We will resolve the forces in vertical direction.

\[\begin{array}{c} \sum {{F_y}} = 0\\ {N_C} - {W_C} + {f_2}\cos 45^\circ - {N_C}\sin 45^\circ = 0\\ {N_C} - {W_C} + {\mu _s}{N_2}\cos 45^\circ - {N_C}\sin 45^\circ = 0\\ {N_C} = \frac{{{W_C} - {\mu _s}{N_2}\cos 45^\circ }}{{\left( {1 - \sin 45^\circ } \right)}} \end{array}\]

Substitute the given value in the above equation.

\[\begin{array}{c} {N_C} = \frac{{{\rm{500}}\;{\rm{lb}} - 0.3\left( {244.6\;{\rm{lb}}} \right)\cos 45^\circ }}{{\left( {1 - \sin 45^\circ } \right)}}\\ {N_C} = 1530\;{\rm{lb}} \end{array}\]
 
Step 12

We will resolve the forces in horizontal direction.

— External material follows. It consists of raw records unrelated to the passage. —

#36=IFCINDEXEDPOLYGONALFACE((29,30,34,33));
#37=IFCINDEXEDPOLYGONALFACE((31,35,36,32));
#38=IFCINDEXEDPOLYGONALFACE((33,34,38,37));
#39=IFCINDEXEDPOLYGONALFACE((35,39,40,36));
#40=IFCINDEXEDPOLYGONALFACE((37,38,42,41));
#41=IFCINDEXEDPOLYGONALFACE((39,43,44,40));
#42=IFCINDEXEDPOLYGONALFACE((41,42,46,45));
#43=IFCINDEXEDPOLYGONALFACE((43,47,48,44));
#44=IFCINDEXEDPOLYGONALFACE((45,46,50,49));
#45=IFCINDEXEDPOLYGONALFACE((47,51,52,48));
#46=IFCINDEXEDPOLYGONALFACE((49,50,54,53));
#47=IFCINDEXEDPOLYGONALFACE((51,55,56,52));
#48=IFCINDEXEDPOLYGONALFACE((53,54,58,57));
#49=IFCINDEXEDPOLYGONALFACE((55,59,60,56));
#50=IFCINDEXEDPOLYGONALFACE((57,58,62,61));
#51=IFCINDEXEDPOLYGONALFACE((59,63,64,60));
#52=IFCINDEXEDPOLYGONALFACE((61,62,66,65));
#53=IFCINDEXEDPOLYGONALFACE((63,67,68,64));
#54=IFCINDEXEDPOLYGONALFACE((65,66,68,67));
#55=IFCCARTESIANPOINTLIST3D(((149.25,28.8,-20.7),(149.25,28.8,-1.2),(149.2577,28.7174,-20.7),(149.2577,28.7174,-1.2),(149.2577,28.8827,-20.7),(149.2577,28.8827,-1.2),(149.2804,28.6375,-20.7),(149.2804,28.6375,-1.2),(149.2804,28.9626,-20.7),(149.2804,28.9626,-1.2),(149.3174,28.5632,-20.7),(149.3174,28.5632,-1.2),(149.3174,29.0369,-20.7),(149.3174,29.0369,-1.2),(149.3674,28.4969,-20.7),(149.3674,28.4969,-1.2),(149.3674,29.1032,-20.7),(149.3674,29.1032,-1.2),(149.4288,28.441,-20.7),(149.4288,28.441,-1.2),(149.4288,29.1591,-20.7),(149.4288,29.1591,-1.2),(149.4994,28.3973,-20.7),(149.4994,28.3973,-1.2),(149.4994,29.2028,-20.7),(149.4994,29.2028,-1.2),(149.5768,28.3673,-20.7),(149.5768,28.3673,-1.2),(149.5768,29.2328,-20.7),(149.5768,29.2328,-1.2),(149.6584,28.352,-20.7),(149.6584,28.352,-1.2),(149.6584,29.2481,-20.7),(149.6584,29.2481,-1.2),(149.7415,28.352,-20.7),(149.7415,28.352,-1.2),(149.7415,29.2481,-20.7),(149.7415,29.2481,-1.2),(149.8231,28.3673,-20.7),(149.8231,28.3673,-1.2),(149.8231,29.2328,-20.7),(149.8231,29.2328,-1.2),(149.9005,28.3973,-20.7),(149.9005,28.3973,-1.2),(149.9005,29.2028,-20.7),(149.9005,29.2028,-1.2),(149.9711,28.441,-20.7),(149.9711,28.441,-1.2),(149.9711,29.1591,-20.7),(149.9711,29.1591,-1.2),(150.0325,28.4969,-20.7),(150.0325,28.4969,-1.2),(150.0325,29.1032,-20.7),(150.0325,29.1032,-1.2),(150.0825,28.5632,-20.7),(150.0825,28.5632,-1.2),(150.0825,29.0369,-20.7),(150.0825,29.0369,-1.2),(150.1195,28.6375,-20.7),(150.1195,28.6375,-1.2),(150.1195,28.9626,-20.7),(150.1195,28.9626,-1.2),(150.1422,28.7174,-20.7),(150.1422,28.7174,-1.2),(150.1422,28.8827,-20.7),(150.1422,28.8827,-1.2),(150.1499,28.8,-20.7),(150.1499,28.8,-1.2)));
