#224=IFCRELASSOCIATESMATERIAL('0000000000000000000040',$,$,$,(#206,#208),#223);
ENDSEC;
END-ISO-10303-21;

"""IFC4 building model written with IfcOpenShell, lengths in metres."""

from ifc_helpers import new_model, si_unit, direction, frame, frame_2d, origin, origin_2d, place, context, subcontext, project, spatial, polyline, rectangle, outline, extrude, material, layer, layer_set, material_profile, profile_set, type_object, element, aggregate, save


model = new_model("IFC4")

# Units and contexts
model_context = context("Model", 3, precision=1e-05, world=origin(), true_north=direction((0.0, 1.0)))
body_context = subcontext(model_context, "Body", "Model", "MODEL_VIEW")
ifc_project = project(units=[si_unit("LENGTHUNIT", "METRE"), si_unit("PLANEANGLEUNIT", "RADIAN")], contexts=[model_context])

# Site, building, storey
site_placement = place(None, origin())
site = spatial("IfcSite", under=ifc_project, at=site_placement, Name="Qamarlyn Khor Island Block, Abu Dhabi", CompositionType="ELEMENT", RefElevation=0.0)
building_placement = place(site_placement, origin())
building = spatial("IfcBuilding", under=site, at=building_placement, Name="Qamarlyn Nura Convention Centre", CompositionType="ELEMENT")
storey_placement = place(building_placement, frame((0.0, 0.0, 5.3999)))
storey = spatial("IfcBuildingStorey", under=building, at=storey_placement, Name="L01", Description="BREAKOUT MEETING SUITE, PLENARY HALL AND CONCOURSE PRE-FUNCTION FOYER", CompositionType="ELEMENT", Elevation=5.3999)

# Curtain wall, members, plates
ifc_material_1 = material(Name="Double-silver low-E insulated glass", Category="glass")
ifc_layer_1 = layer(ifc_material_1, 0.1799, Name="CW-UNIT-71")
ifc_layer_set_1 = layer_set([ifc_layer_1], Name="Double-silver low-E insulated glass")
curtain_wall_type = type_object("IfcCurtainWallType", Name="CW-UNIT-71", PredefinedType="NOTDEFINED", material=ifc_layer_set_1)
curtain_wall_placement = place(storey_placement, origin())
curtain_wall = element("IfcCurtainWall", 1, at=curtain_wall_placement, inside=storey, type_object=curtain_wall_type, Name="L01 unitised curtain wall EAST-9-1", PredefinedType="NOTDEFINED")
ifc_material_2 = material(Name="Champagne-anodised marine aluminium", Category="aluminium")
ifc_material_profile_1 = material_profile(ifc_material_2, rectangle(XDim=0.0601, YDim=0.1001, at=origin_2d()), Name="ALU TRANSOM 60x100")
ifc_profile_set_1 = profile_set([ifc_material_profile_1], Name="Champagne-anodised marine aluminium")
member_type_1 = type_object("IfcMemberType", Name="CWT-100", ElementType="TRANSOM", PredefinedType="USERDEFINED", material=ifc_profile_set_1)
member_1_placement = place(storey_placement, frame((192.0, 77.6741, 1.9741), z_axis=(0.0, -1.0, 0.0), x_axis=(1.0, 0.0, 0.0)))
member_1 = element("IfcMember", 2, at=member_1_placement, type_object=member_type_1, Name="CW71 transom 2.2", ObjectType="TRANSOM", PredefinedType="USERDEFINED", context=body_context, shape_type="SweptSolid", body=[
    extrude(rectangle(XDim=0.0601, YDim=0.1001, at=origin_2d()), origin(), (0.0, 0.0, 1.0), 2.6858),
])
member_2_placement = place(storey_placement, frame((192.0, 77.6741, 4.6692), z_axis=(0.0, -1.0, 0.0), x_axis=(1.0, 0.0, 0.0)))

\[\begin{array}{c} \sum {{F_x}} = 0\\ {N_2}\cos 45^\circ + {f_2}\sin 45^\circ - P + {f_C} = 0\\ {N_2}\cos 45^\circ + {\mu _s}{N_2}\sin 45^\circ - P + \left( {{\mu _s}'} \right){N_C} = 0\\ P = {N_2}\cos 45^\circ + {\mu _s}{N_2}\sin 45^\circ + \left( {{\mu _s}'} \right){N_C} \end{array}\]

Substitute the given value in the above equation.

\[\begin{array}{c} P = \left( {244.6\;{\rm{lb}}} \right)\cos 45^\circ + 0.3\left( {244.6\;{\rm{lb}}} \right)\sin 45^\circ + \left( {0.5} \right)\left( {1530\;{\rm{lb}}} \right)\\ P = 989.8\;{\rm{lb}} \end{array}\]

So, the smallest force is $P = 625\;{\rm{lb}}$.